A driver uses a fast electric charging station in the cell phone yard at John F. Kennedy Airport (JFK) on April 02, 2021 in New York City.
Spencer Platt | Getty Images
This has been true for years: It is generally much cheaper to recharge an electric car than it is to refuel a car with an internal combustion engine.
This has been a major selling point for Tesla and other electric car manufacturers, especially in times when gas prices have risen, as they are now. But this time there are a wrinkle: While gas prices have already risen in the wake of the Russian invasion of Ukraine, electricity prices have also gone up — particularly in some parts of the United States that were big markets for Tesla electric cars.
And this raises a question: Is it still true that “refueling” an electric vehicle is a lot cheaper? The graphs below help us find the answer.
The first graph, using national figures, provides a baseline. Others use data for Boston and San Francisco, two markets where electric vehicles are popular — and where electricity tends to be more expensive than the national average.
The answer in all three cases is that – even with the regional rise in electricity prices – filling your gas tank is still a bit more expensive than charging an electric car battery.
Electricity prices roughly keep pace with gas price increases in Boston and San Francisco. However, on average across the US, adding 100 miles of range in your internal combustion vehicle has become more expensive, compared to charging an equivalent value EV, over the past two months.
Is this likely to change? While oil prices will almost certainly fall in the coming months as producers increase, the price of electricity is unlikely to rise enough to make electric vehicles less costly over their lifecycles than internal combustion alternatives.
Using February data, Jeffreys analyst David Kelley recently calculated that the total cost of EV ownership is about $4,700 less than the cost of an internal combustion vehicle. He said the cost differential is likely to increase as more electric vehicles reach the market – and as battery prices continue to fall – over the next two years.
How did we crunch the numbers?
We had three questions in mind when we put these charts together:
- How much does it cost to add 100 miles of range to the average ICE-powered vehicle and the average electric vehicle?
- How have these costs changed over the past three years? (Going back three years to February 2019 gives us a basic basis for responding to the outbreak.)
- How did these costs differ between different parts of the United States?
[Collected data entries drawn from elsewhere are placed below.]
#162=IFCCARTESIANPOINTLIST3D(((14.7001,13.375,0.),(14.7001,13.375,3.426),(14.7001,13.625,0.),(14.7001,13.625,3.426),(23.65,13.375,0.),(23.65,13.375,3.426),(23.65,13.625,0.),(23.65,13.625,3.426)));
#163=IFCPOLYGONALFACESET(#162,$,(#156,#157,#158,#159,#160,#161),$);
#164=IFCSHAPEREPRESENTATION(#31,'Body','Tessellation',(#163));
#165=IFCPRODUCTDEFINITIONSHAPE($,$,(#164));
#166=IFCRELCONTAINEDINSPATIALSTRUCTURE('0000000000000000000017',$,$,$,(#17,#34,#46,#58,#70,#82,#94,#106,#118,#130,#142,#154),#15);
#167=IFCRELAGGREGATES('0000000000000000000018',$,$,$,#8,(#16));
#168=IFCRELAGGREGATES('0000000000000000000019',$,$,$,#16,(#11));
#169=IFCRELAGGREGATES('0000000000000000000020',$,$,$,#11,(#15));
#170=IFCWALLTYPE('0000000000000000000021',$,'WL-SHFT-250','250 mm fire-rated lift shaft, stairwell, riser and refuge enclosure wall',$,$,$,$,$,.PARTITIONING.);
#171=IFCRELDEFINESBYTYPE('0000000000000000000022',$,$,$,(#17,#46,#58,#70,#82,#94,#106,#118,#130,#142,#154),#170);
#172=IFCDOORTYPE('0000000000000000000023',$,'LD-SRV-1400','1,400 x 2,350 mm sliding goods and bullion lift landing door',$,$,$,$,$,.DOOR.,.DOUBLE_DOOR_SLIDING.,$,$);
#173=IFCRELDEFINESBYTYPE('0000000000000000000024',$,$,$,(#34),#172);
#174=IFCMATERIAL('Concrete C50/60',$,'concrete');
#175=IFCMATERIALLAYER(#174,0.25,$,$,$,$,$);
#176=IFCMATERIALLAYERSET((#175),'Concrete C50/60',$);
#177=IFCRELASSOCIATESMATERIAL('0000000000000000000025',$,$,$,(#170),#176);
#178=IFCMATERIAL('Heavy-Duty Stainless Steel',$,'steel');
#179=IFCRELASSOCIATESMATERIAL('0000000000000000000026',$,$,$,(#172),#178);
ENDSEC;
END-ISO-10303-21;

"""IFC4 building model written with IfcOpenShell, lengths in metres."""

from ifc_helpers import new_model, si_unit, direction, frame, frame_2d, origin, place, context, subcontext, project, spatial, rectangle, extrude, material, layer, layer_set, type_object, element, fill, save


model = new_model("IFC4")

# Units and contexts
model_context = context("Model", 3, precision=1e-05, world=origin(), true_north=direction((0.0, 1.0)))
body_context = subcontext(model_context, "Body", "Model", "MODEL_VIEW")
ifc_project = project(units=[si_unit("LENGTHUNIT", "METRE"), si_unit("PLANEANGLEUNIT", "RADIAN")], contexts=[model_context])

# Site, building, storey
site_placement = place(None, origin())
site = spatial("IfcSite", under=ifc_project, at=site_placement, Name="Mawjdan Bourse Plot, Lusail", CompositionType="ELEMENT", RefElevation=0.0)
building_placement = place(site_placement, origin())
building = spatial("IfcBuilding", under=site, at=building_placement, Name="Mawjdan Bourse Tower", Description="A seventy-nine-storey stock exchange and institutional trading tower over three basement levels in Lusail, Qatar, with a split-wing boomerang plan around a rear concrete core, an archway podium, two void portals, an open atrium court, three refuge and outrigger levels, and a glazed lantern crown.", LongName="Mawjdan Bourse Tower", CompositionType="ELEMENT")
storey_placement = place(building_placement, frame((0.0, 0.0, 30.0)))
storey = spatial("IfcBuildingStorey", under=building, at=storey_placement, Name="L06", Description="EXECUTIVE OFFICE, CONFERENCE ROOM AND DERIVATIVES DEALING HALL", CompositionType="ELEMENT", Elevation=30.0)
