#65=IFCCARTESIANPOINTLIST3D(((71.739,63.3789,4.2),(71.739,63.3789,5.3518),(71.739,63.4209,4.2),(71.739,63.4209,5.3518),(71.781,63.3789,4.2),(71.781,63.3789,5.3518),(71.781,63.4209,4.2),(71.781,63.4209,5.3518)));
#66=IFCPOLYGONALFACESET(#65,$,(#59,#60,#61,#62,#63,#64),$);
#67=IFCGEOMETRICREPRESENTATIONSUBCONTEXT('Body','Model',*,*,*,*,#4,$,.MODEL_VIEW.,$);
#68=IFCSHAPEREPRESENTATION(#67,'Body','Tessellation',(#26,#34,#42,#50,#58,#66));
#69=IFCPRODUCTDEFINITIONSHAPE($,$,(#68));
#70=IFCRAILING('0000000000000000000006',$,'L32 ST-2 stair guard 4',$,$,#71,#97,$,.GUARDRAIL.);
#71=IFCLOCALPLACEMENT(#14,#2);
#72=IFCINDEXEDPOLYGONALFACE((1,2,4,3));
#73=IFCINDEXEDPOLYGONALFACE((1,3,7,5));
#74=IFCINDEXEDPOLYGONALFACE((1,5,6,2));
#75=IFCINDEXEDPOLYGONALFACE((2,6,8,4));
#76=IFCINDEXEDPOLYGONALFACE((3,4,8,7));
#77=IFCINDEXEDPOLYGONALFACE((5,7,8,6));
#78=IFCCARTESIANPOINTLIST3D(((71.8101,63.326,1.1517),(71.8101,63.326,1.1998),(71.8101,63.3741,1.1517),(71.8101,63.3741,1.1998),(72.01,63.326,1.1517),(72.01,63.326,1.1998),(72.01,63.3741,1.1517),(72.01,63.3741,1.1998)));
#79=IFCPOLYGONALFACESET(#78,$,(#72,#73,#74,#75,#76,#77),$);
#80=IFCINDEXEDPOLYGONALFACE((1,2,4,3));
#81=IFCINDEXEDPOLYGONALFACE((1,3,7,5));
For gasoline, the EPA reports that the average new vehicle sold in the United States in 2020 had a combined fuel economy of 25.7 miles per gallon. Driving 100 miles in that average car would use 3.9 gallons of gas. (Figures for 2021 have not yet been released.)
On the electric vehicle side, the Environmental Protection Agency’s (EPA) efficiency rating for electric vehicles — called “MPGe,” for miles per gallon equivalent — gives consumers an idea of ​​how far an electric vehicle can travel on 33.7 kWh of charge. Why 33.7 kWh? This is the amount of electricity that is chemically equivalent to the energy in a gallon of regular gasoline.
The average MPGe rating for 2022 model electric vehicles sold in the US is around 97, so driving 100 miles in that hypothetical average vehicle would use 34.7 kWh of electricity.
The charts above compare how the price of 3.9 gallons of gas has changed relative to the price of 34.7 kWh over time, using monthly data from the US Energy Information Administration (for gas prices) and the US Bureau of Labor Statistics (for electricity rates) from February 2019 through February 2022.
CNBC’s Crystal Mercedes contributed to this article.